Oh, To Be Colorblind In Boston
Appearance is what America is all about. Forget brains, skill or academic achievement. You’ve got to look sharp, feel sharp and be sharp if you want to get anywhere around here.
Admit it: An ugly guy is never going to be president and fat girls don’t get invited to the dance. When was the last time you saw someone bigger than a bungalow reading the news on television? Or someone whose forehead has cleavage getting elected to anything?
Ever see a kid with enormous zits employed to advertise jeans? How about somebody with more facial hair than a werewolf pitching the 1997 Nissan Maxima?
I don’t think so.
This country is about being pretty. Being easy on the eyes. Having great hair, straight white teeth, a pleasant, non-threatening look.
You could have the IQ of a footlocker, but if you resemble Brooke Shields or Tom Cruise, your chances of getting in the door are a whole lot better than if you are an exact double for Murray Abraham’s dog, not to mention its face. That’s just the way it is.

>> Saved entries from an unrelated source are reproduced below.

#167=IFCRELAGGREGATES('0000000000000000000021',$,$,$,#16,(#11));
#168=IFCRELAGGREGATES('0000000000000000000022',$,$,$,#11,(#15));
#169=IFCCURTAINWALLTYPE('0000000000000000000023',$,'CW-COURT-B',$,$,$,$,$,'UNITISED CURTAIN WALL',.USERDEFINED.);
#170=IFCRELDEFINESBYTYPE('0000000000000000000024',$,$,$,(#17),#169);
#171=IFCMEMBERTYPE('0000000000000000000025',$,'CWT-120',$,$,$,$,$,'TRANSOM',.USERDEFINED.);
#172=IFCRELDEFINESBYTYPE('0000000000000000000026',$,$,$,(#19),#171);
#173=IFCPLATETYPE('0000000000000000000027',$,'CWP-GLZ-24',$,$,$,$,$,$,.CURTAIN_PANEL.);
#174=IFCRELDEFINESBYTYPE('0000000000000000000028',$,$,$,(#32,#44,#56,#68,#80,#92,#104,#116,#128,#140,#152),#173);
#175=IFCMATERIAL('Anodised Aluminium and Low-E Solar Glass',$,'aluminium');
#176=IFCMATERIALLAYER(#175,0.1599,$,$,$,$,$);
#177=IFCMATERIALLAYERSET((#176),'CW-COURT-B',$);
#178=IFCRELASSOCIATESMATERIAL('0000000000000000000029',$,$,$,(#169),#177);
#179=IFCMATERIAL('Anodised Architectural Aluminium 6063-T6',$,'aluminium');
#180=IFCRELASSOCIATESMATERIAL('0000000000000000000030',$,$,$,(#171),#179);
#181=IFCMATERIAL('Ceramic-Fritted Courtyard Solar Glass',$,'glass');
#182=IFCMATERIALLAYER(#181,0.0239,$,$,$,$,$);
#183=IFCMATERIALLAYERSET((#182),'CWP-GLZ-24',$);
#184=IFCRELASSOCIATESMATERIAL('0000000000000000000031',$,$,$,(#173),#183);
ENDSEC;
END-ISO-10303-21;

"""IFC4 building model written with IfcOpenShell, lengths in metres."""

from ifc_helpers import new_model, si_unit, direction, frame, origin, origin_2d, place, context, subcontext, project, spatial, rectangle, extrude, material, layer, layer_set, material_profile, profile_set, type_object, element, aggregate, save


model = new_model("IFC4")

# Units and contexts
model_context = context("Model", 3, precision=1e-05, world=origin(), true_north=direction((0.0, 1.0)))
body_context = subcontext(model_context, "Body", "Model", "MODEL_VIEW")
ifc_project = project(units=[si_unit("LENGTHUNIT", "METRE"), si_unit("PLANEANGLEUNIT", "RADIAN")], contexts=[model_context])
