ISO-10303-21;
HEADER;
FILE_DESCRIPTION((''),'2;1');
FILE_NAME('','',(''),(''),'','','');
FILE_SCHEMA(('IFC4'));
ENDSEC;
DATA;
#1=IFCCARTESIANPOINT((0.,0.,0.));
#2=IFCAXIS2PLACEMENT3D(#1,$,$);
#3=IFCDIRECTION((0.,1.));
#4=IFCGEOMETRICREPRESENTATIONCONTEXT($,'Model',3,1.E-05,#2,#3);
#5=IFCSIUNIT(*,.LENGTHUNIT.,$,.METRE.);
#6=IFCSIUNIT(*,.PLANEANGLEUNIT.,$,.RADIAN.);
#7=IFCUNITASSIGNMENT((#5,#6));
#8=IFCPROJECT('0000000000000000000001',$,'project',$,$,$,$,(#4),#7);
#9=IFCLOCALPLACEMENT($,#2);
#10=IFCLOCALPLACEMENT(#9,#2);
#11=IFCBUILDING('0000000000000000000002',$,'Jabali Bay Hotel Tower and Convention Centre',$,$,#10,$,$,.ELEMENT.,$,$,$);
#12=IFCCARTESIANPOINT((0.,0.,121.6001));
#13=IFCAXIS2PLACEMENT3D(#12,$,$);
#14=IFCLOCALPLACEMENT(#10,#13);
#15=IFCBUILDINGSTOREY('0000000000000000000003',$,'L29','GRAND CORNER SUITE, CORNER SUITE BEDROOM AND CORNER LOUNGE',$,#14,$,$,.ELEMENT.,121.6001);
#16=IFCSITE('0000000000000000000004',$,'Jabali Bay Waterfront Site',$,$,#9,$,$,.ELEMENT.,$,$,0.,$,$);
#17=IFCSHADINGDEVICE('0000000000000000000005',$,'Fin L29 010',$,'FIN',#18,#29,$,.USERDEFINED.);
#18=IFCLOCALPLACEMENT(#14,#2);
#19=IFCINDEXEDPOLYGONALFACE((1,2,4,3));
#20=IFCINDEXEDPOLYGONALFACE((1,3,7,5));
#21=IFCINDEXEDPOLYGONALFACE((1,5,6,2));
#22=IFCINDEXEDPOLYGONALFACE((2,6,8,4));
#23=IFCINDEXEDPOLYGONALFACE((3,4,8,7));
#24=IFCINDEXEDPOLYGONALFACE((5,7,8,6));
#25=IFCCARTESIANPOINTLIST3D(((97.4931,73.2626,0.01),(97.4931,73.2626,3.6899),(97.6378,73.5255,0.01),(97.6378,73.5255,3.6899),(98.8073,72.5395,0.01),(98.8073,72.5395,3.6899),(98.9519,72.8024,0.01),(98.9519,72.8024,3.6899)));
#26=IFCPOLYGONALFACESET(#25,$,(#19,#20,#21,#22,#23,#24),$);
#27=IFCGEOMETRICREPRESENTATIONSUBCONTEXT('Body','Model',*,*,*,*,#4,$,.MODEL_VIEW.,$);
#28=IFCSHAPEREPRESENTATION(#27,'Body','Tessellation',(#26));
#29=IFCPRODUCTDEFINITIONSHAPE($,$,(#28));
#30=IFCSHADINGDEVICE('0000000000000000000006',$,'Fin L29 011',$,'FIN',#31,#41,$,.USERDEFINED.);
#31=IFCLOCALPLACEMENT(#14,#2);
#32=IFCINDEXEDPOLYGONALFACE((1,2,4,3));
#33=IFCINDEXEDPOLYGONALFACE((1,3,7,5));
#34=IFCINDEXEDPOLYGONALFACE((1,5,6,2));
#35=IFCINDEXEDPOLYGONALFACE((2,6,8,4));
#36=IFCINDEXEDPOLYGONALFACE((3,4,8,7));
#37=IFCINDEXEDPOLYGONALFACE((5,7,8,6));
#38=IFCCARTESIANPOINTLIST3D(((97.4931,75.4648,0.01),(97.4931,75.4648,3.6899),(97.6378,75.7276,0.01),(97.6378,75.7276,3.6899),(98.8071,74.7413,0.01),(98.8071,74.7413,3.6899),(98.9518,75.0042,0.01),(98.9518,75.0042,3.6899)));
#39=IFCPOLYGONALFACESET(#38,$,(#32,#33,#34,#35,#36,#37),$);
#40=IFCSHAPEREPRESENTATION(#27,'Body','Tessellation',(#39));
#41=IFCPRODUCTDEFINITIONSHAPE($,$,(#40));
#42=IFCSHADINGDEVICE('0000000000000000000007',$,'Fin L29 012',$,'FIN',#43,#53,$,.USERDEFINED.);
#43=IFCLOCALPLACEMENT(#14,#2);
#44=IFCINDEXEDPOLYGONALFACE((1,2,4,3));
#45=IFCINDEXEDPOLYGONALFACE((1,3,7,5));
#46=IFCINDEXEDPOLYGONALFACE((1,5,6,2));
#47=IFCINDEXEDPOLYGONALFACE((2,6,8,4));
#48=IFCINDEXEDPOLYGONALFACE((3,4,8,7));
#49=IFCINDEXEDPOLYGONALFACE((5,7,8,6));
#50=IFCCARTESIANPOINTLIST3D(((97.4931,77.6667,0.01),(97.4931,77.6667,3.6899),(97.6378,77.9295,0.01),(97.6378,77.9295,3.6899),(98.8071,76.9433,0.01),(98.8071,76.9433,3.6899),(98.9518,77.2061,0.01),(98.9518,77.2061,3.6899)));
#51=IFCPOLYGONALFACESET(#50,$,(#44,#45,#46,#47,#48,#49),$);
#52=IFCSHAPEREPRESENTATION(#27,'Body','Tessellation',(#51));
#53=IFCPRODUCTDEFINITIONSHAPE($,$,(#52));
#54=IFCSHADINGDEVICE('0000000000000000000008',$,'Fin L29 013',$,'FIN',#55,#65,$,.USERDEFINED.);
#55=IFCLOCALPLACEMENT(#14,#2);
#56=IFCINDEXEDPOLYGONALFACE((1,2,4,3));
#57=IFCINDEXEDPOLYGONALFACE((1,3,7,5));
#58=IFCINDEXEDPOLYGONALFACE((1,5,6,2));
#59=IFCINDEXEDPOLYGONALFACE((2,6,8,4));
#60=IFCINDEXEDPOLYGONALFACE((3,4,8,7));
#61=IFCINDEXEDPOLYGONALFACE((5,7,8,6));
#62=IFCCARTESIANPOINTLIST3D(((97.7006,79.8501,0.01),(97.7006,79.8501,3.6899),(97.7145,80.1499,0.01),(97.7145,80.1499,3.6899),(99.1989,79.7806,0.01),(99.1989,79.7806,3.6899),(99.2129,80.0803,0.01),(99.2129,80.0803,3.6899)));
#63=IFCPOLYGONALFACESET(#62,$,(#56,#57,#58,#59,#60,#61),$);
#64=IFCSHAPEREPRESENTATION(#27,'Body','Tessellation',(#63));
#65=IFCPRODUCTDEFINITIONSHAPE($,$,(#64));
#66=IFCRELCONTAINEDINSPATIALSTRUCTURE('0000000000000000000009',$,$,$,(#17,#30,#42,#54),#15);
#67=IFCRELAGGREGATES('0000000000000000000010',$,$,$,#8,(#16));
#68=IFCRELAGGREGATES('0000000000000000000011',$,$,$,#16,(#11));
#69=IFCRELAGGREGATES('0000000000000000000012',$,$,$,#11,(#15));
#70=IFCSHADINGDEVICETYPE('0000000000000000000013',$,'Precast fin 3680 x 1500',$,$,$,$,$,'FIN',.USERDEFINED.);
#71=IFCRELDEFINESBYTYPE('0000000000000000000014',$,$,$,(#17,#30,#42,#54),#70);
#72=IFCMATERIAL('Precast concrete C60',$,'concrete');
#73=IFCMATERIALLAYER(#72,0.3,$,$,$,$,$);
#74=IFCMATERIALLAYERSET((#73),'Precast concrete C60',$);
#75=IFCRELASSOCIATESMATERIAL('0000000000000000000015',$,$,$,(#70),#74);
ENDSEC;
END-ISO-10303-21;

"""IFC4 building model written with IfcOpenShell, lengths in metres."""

from ifc_helpers import new_model, si_unit, direction, frame, frame_2d, origin, place, context, subcontext, project, spatial, rectangle, extrude, material, layer, layer_set, type_object, element, save


model = new_model("IFC4")

# Units and contexts
model_context = context("Model", 3, precision=1e-05, world=origin(), true_north=direction((0.0, 1.0)))
body_context = subcontext(model_context, "Body", "Model", "MODEL_VIEW")
ifc_project = project(units=[si_unit("LENGTHUNIT", "METRE"), si_unit("PLANEANGLEUNIT", "RADIAN")], contexts=[model_context])

# Site, building, storey
site_placement = place(None, origin())
site = spatial("IfcSite", under=ifc_project, at=site_placement, Name="Jabali Bay Waterfront Site", CompositionType="ELEMENT", RefElevation=0.0)
building_placement = place(site_placement, origin())
building = spatial("IfcBuilding", under=site, at=building_placement, Name="Jabali Bay Hotel Tower and Convention Centre", CompositionType="ELEMENT")
storey_placement = place(building_placement, frame((0.0, 0.0, 121.6001)))
storey = spatial("IfcBuildingStorey", under=building, at=storey_placement, Name="L29", Description="GRAND CORNER SUITE, CORNER SUITE BEDROOM AND CORNER LOUNGE", CompositionType="ELEMENT", Elevation=121.6001)

# Shading devices
ifc_material_1 = material(Name="Precast concrete C60", Category="concrete")
ifc_layer_1 = layer(ifc_material_1, 0.3)
ifc_layer_set_1 = layer_set([ifc_layer_1], Name="Precast concrete C60")
shading_device_type = type_object("IfcShadingDeviceType", Name="Precast fin 3680 x 1500", ElementType="FIN", PredefinedType="USERDEFINED", material=ifc_layer_set_1)
for number, where, z_axis, x_axis, name in (
    (1, (97.5654, 73.394, 0.01), (0.0, 0.0, 1.0), (0.876123, -0.482087, 0.0), "Fin L29 010"),
    (2, (97.5654, 75.5962, 0.01), (0.0, 0.0, 1.0), (0.876017, -0.482281, 0.0), "Fin L29 011"),
    (3, (97.5654, 77.7981, 0.01), (0.0, 0.0, 1.0), (0.876017, -0.482281, 0.0), "Fin L29 012"),
    (4, (97.7075, 80.0, 0.01), (0.0, 0.0, 1.0), (0.998923, -0.04639, 0.0), "Fin L29 013"),
):
    element("IfcShadingDevice", number, at=place(storey_placement, frame(where, z_axis=z_axis, x_axis=x_axis)), inside=storey, type_object=shading_device_type, Name=name, ObjectType="FIN", PredefinedType="USERDEFINED", context=body_context, shape_type="SweptSolid", body=[
        extrude(rectangle(XDim=1.5, YDim=0.3, at=frame_2d((0.75, 0.0))), origin(), (0.0, 0.0, 1.0), 3.6799),
    ])

save(model, "model.ifc")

And it extends to everything around us.
If there’s a suspicious fire in a house about to be purchased by a black family and it happens to be located in a neighborhood that is 98 percent white, it should not shock us when a few people quickly, and mistakenly, assume that the fire was set by someone whiter than a sheet and that Boston’s Wellesley neighborhood is home to racism. Isn’t Wellesley 98 percent white?
Appearance, man! It’s who we are. It’s how we think.
White woman walking to her car on a dark, deserted downtown street sees a black guy cross the block and head right toward her. Quick, what goes through her mind? (A) Gee, this is a marvelous opportunity to meet someone diverse by giving him a hearty hello? Or (B) Sweet Jesus, forgive me my sins because I am about to be raped and robbed?
I mean, the guy could be Nelson Mandela, Mo Vaughn, anyone at all, but to a lot of folks, his mere appearance would pose a threat. How come? Why, especially around greater Boston, are we obsessed with, and why do we wring our hands about, skin color?
Go to Philadelphia, Pittsburgh, New York, Chicago or Los Angeles, and life is different. Those cities long ago were integrated economically, socially and residentially. Grow up there, live there, work there, have a child in school there and you actually get to know black human beings.
It is amazing how you quickly can discover that black people are like white people. They use utensils when they eat supper. They yell at their children and make them do homework and clean their rooms. They value a dollar and hate high taxes, drugs and soaring crime.
But Boston might be the most geographically segregated little big town in America. Blacks have located in a few neighborhoods of only a few sections of town, so most whites go through life limited in their knowledge of black culture by what Bill Cosby says on television or by what Michael Jordan does on a basketball court. That’s it.
Unwittingly, thousands of whites - generation after generation - have been cheated out of getting hit in the face with the notion that life is richer and more interesting when there is a mix. Then, you see that black people can be bores, too, that they have dreams, cheat at golf, tell dirty jokes and, occasionally, behave like racists.
But the big whites who dominate the media, politics, banks and insurance companies in this rube of a region apparently are too thick or too isolated to understand this aspect of black existence.
And these whites become so petrified at ever being accused of giving offense to any minority that they ignore reality and focus exclusively on appearance. They do this because they think it’s right, when, in fact, it is totally offensive, incredibly paternalistic and obnoxiously unfair as well as thoroughly and condescendingly racist.
One stupid fire in one white community gets them running around, shouting as if Bull Connor and the Selma fire hoses of 30 years ago were just down the block, this time with gas and matches. By magnifying the ridiculous, they trivialize the larger dilemma: Appearance is a lousy substitute for knowledge.